Detailed Description

It is well known that oxygen exchange is a major problem in patients with COVID-19 and hypoxia is one of the most serious effects, where patients succumb from acute respiratory distress syndrome (ARDS). The development of mucinous sputum plugs in individuals infected with SARS-CoV-2 is variable in the early stages of the disease. In addition, 30-40% of patients who are in hospital have expectoration production, and in a recent study on pulmonary pathology in patients with COVID-19, subsequent tests revealed markedly increased levels of MUC1 and MUC5AC in sputum and tracheal aspirates.
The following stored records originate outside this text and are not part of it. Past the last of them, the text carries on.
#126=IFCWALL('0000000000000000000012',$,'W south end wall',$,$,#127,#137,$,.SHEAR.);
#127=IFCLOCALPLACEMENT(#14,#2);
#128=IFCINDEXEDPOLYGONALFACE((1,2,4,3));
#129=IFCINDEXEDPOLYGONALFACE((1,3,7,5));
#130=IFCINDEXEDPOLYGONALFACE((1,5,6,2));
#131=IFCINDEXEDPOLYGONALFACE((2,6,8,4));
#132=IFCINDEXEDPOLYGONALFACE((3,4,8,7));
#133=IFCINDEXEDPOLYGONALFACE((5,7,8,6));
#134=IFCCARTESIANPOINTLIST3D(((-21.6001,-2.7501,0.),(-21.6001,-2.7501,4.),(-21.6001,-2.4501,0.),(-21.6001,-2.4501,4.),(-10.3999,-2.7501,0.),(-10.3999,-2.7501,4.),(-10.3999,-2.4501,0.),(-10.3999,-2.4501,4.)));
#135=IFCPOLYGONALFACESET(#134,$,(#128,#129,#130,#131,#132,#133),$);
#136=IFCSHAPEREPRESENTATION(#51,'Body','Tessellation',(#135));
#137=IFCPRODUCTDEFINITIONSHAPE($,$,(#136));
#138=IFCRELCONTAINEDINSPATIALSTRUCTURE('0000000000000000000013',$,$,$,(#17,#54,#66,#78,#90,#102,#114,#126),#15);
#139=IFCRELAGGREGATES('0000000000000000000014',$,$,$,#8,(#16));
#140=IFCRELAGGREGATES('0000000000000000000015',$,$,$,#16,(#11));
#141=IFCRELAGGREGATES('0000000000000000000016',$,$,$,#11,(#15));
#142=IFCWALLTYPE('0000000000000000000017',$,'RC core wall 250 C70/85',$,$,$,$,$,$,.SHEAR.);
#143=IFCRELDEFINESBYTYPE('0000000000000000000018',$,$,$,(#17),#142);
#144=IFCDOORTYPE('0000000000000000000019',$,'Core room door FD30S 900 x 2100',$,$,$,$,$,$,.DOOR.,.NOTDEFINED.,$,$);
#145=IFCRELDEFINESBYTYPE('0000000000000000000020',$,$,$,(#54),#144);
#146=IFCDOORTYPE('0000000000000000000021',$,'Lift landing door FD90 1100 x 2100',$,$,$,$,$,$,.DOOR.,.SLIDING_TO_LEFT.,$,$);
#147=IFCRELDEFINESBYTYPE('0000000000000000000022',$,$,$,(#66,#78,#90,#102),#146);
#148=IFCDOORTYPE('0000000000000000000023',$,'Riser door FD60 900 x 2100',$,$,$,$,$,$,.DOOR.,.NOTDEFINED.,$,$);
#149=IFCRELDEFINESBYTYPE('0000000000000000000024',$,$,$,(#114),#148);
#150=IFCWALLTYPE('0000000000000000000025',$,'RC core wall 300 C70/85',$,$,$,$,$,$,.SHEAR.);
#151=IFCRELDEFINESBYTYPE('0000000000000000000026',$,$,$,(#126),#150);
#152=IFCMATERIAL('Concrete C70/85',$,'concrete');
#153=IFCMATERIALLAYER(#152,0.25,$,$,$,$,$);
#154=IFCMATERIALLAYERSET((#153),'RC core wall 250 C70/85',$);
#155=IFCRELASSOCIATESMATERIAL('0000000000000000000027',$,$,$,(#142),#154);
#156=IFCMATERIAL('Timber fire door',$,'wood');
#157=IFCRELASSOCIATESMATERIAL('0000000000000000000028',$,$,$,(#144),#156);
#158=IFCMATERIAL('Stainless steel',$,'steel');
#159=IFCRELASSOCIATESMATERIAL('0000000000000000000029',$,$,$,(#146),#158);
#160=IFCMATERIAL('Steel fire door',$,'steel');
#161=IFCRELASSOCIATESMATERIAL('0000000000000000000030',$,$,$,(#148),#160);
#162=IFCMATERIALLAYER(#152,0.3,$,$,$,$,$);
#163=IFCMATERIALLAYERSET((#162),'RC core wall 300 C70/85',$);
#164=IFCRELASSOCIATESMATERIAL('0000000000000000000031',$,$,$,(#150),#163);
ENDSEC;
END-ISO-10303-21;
Currently, there are few therapeutic agents of limited efficacy to treat or avoid the complications of COVID-19 and none directed against airway mucus. An Australian pharmaceutical company has developed BromAc for the palliative treatment of highly mucinous tumors of the appendix and lung. This drug is composed of bromelain and acetylcysteine. During pre-clinical development, the sponsor found that BromAc® rapidly dissolved and removed tumour mucin, making it a potent mucolytic. BromAc® in combination have the ability, as shown in pre-clinical studies, to remove the mucin protective framework expressed by cancer including MUC1, MUC2, MUC4, MUC5AC and MUC16. The sponsor has shown the mechanism of action of BromAc - to break peptide and glycosidic linkages and disulphide bonds in tumour produced and respiratory mucin.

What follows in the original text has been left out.